If you’re looking for a bog-standard restaurant review, then this isn’t it
I’ve always tried to keep this site focussed on giving practical restaurant advice – where to eat and what to order, served with what I hope is a dash of wit and wry commentary. It’s what I’ve always wanted to read and hopefully what you want to read too. Although I have occasionally digressed onto other topics, I’ve nonetheless tried to avoid the navel-gazing industry chatter you’ll find on other restaurant websites, unless it links directly to practical advice that you can use when choosing where and what to eat.
This review quite self-consciously departs from that. On this occasion, I’ll be wading into more restaurant industry and restaurant reviewing backtalk then you can shake a poppadom at. Central to all this is an incident of bigotry that many would rather forget, overlook or excuse. Which is exactly why it should be talked about.
In a better world Kanishka would be known purely as a restaurant serving dishes based on the cuisines of India’s northeast, a region somewhat underrepresented in London’s burgeoning market for Indian restaurants. But Kanishka is also the latest restaurant from Atul Kochhar, a feted chef who was fired from his last job for an Islamophobic tweet. In a fit of adolescent pique worthy of a bottom-feeding 4Chan dweller, this bigotry wasn’t just your garden-variety Islamophobia, but directed at an actress who dared to star in a TV show with a plot that he didn’t like.
Kochhar’s outburst would be almost pitiable if it didn’t fit within broader patterns of sectarian nationalist online abuse driven by devious ethnoreligious political populism (of which so many countries and societies are currently susceptible to). It would almost be pitiable if Kochhar wasn’t living and working in a Britain that not only seems incapable of acknowledging its own culpability for past sectarian violence – both close to home and further away – but where many seem intent on spreading new strains of bigotry.

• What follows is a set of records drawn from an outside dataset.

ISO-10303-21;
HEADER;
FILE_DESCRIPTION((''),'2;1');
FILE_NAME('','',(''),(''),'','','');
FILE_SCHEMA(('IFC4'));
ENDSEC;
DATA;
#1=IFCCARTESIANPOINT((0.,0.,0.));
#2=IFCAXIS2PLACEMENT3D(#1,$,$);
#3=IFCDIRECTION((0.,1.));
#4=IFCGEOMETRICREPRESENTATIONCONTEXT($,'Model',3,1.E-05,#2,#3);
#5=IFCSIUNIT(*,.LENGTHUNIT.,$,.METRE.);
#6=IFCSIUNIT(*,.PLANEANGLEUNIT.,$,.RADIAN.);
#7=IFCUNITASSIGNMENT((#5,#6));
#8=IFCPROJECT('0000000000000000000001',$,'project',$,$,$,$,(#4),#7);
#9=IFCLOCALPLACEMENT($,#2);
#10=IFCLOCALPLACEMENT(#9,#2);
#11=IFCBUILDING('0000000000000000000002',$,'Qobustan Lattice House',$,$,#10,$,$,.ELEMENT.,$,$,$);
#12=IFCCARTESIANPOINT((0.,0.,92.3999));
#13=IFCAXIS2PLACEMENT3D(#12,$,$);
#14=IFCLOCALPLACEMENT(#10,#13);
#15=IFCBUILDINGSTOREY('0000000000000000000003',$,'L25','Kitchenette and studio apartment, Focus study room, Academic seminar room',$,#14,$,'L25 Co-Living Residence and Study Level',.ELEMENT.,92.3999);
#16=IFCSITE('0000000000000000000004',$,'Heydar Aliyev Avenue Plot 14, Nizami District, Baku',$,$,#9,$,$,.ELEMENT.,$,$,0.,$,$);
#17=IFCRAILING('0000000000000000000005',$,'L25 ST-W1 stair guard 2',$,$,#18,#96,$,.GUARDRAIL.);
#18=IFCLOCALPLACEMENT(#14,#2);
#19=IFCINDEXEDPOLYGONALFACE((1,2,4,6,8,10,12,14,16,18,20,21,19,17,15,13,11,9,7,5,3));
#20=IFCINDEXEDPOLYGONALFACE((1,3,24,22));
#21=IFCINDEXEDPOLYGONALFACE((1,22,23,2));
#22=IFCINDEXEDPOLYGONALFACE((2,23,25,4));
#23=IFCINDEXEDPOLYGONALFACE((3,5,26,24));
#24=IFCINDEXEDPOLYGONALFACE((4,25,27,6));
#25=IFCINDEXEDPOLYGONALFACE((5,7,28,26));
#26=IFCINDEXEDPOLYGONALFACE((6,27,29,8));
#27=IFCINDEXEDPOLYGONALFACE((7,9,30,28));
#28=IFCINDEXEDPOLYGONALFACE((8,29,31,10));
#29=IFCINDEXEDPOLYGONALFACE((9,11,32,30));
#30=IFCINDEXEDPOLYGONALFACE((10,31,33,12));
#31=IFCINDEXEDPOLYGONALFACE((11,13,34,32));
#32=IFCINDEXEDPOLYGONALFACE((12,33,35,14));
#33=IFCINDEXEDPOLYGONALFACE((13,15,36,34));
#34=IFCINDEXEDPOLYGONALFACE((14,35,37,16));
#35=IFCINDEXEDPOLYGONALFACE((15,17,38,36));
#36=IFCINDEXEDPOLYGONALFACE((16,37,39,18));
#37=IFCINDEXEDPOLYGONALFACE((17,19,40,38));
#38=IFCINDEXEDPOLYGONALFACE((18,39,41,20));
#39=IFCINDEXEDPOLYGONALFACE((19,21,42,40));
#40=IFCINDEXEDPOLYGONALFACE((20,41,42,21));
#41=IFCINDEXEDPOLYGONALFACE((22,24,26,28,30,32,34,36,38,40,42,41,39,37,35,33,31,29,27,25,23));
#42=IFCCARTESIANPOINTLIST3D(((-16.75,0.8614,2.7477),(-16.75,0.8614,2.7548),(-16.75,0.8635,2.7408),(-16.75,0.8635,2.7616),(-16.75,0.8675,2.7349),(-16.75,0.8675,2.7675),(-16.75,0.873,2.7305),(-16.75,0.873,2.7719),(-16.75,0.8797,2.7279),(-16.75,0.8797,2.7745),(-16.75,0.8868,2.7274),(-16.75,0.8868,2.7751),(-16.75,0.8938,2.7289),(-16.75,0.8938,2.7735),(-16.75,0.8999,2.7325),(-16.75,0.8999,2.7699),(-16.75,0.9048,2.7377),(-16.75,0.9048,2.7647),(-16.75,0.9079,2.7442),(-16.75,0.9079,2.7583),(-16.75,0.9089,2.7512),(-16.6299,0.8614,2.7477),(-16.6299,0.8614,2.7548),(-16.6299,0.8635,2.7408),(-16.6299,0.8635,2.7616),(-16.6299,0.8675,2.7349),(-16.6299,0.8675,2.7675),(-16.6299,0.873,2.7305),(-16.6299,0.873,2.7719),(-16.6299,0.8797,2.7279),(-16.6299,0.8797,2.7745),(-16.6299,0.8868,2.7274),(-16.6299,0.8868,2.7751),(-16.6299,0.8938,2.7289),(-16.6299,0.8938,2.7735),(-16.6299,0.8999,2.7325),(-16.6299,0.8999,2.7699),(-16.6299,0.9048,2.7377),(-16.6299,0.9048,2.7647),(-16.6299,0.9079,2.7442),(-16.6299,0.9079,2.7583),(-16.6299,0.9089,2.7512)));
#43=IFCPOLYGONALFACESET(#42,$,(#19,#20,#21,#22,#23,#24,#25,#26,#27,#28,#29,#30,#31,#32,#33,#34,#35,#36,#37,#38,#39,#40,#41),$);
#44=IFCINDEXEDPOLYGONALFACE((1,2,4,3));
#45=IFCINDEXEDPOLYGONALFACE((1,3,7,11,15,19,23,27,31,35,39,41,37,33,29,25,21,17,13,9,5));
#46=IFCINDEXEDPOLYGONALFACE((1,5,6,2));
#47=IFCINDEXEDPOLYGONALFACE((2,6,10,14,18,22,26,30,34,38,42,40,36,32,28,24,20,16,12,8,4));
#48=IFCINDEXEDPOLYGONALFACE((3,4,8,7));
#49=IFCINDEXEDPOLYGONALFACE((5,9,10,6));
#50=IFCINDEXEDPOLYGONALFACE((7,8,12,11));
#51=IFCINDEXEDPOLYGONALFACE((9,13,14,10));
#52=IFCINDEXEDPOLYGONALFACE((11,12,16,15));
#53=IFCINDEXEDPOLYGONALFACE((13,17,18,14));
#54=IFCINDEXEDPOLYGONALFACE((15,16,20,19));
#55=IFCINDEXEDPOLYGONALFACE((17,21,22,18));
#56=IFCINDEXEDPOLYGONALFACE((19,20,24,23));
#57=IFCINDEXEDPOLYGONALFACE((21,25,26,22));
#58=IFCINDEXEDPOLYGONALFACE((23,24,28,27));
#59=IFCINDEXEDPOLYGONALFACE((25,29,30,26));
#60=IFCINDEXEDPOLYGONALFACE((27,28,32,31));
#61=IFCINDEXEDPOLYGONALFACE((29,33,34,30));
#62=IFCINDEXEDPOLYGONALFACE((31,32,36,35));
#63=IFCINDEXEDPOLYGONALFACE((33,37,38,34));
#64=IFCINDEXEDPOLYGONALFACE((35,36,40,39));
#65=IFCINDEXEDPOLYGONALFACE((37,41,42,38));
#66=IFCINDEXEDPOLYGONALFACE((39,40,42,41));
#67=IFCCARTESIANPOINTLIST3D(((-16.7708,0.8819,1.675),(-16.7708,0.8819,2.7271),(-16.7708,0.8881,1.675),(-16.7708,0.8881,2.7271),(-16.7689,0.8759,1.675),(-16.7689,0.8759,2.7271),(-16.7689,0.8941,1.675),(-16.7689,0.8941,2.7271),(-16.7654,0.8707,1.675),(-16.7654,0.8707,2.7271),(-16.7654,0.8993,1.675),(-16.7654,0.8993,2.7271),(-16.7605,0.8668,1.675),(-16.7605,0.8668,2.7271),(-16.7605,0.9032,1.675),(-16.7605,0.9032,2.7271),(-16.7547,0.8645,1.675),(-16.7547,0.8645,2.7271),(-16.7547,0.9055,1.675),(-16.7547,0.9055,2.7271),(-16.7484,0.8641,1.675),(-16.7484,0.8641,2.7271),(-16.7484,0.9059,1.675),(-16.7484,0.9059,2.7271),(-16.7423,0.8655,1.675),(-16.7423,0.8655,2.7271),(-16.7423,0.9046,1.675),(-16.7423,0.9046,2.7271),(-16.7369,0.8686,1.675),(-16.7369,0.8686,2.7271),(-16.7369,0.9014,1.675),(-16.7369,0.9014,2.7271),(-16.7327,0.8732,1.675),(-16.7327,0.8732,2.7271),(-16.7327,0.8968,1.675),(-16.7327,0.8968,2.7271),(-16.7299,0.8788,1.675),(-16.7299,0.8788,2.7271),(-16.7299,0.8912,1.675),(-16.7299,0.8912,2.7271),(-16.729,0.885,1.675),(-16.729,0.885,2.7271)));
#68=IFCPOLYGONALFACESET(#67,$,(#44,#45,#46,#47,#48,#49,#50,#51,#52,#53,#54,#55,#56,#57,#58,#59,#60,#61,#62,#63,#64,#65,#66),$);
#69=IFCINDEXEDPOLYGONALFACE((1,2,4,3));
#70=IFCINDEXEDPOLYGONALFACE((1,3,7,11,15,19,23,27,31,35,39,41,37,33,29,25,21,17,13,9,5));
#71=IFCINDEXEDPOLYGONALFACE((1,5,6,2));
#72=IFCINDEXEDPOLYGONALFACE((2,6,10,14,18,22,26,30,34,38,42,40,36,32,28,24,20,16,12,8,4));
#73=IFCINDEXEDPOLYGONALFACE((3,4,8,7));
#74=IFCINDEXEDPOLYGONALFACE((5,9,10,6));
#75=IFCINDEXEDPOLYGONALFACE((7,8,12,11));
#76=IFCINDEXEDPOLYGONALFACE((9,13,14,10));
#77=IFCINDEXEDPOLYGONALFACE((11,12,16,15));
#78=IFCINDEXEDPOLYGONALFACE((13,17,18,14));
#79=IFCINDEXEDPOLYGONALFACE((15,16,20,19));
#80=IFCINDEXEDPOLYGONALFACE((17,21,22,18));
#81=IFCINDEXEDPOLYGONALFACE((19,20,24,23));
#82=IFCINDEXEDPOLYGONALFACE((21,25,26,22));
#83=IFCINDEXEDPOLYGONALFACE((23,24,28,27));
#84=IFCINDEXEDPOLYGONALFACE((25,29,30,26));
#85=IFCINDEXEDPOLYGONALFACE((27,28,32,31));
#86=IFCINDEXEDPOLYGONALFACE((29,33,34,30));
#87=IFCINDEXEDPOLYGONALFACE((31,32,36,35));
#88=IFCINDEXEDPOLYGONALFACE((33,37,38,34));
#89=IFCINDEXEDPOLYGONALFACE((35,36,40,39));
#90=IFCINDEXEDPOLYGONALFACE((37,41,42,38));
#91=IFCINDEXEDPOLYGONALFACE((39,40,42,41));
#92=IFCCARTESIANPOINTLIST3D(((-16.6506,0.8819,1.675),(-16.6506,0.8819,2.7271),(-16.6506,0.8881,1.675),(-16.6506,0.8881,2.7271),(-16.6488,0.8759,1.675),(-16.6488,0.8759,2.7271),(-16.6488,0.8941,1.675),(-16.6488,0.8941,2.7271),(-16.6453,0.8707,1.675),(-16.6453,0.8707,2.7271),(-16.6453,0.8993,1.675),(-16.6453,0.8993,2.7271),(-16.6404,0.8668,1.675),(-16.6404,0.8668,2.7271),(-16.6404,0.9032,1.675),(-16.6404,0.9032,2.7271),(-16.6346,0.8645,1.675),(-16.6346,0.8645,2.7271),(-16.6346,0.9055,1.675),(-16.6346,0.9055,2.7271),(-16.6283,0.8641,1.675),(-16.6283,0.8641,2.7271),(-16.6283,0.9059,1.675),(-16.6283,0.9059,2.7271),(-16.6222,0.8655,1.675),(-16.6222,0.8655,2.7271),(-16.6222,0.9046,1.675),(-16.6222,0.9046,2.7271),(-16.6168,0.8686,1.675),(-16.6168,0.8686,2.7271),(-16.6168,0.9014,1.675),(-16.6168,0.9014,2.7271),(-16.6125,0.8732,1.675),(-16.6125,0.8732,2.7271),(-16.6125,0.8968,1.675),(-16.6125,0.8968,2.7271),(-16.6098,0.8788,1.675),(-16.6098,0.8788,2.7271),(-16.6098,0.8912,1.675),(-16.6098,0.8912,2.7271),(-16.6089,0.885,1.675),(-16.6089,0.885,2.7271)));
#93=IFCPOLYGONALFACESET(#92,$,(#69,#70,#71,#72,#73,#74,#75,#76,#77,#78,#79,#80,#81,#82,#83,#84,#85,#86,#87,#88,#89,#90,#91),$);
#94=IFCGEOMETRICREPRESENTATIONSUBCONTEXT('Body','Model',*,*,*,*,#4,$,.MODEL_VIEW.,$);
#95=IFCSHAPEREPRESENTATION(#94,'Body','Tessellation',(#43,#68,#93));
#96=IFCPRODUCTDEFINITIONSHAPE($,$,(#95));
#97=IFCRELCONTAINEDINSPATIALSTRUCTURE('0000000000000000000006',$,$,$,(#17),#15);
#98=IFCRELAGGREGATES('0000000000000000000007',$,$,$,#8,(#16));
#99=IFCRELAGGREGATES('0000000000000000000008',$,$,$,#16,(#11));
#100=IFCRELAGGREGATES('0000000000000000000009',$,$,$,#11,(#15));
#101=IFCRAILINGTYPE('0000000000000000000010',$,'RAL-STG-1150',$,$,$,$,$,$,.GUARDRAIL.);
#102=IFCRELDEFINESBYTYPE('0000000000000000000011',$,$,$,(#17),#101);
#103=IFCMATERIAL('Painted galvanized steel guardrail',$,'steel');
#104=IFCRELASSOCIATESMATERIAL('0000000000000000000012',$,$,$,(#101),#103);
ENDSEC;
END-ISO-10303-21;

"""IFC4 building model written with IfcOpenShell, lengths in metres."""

from ifc_helpers import new_model, si_unit, direction, frame, origin, origin_2d, place, context, subcontext, project, spatial, circle, extrude, material, type_object, element, save


model = new_model("IFC4")

# Units and contexts
model_context = context("Model", 3, precision=1e-05, world=origin(), true_north=direction((0.0, 1.0)))
body_context = subcontext(model_context, "Body", "Model", "MODEL_VIEW")
ifc_project = project(units=[si_unit("LENGTHUNIT", "METRE"), si_unit("PLANEANGLEUNIT", "RADIAN")], contexts=[model_context])

# Site, building, storey
site_placement = place(None, origin())
site = spatial("IfcSite", under=ifc_project, at=site_placement, Name="Heydar Aliyev Avenue Plot 14, Nizami District, Baku", CompositionType="ELEMENT", RefElevation=0.0)
building_placement = place(site_placement, origin())
building = spatial("IfcBuilding", under=site, at=building_placement, Name="Qobustan Lattice House", CompositionType="ELEMENT")
storey_placement = place(building_placement, frame((0.0, 0.0, 92.3999)))
storey = spatial("IfcBuildingStorey", under=building, at=storey_placement, Name="L25", Description="Kitchenette and studio apartment, Focus study room, Academic seminar room", LongName="L25 Co-Living Residence and Study Level", CompositionType="ELEMENT", Elevation=92.3999)

# Railing
ifc_material_1 = material(Name="Painted galvanized steel guardrail", Category="steel")
railing_type_1 = type_object("IfcRailingType", Name="RAL-STG-1150", PredefinedType="GUARDRAIL", material=ifc_material_1)
railing_1_placement = place(storey_placement, frame((-16.75, 0.885, 1.675)))
element("IfcRailing", 1, at=railing_1_placement, inside=storey, type_object=railing_type_1, Name="L25 ST-W1 stair guard 2", PredefinedType="GUARDRAIL", context=body_context, shape_type="SweptSolid", body=[
    extrude(circle(Radius=0.0239, at=origin_2d()), frame((0.0, 0.0, 1.0762), z_axis=(1.0, 0.0, 0.0), x_axis=(0.0, 1.0, 0.0)), (0.0, 0.0, 1.0), 0.1201),
    extrude(circle(Radius=0.021, at=origin_2d()), origin(), (0.0, 0.0, 1.0), 1.052),
    extrude(circle(Radius=0.021, at=origin_2d()), frame((0.1201, 0.0, 0.0)), (0.0, 0.0, 1.0), 1.052),
])

save(model, "model.ifc")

Kochhar’s casual display of prejudiced entitlement isn’t the worst act to be committed by a chef or restauranteur on this side of the Atlantic or the other. Even if that relativity somehow excused, justified or exonerated Kochhar’s hatred – which it obviously doesn’t – it’d be far easier to accept Kochhar’s public displays of contrition if it were clear what he was apologising for and to whom.
All of which brings us back to Kanishka. It is not at all obvious how one reviews a restaurant where a figure so central to its operation – and heavily marketed as such – has so clearly crossed the boundaries of acceptable, civilised behaviour. Bigger and better names in the world of restaurant reviewing have grappled with this topic, but to unsatisfying effect.
The best approach that I can think of is a minimalist one devoid of all my usual dish-level detail and writerly flourishes. I had the tasting menu at Kanishka. Some of it was good; some of it was unremarkable. As a representative of the kitchen’s approach, vision and oeuvre – as tasting menus are supposed to be – it gave a somewhat uneven and timidly unambitious impression. The quality of the service was highly dependant on who was serving you.
This approach is imperfect. The rest of Kanishka’s staff – who presumably aren’t bigots – don’t deserve the same condemnation as their boss, so I could go into more detail about the food. But this would diminish the impact of all the words above. I could totally omit any mention of the food, and this series of plainly-labelled photos, in an attempt to deepen the impact of the other words on this page. But then this really wouldn’t be a review and fewer people would read it.
If Kanishka had been another identikit, spendy Mayfair restaurant of little consequence, then I could simply ignore it. So many other restaurant magazines and websites have uncritically showered Kanishka with praise or run hagiographies of Kochhar’s career, while ignoring his bigotry or hiding it with euphemisms and obfuscation. If a more honest and complete appraisal had already been done, it would have saved me the trouble of these words.
This review isn’t the first word on Kochhar, Kanishka and (without drawing any moral equivalency) the related, far deeper issue of whether it will ever be possible to appreciate the work of someone who has done reprehensible things. It almost certainly won’t be the last. But in rejecting the fawning, blinkered and auteur fetishising approach of so many other reviews, I hope it gives you a fuller picture. There are no easy, simplistic or easily digestible answers here. But a few things certainly are clear. If a restaurant trades on the celebrity of its chef, then it must be prepared for the consequences of that chef’s very public actions. And bigotry, in all its forms, must be stridently rejected.
Address: 17 – 19 Maddox Street, Mayfair, London, W1S 2QH
Phone: 0203 978 0978
Opening Hours: Monday-Saturday noon-14.45 and 17.30-22.45. Sunday 17.30-21.30.
Reservations? yeah, if you want.
Total cost for one person including soft drinks and service charge: £85 approx.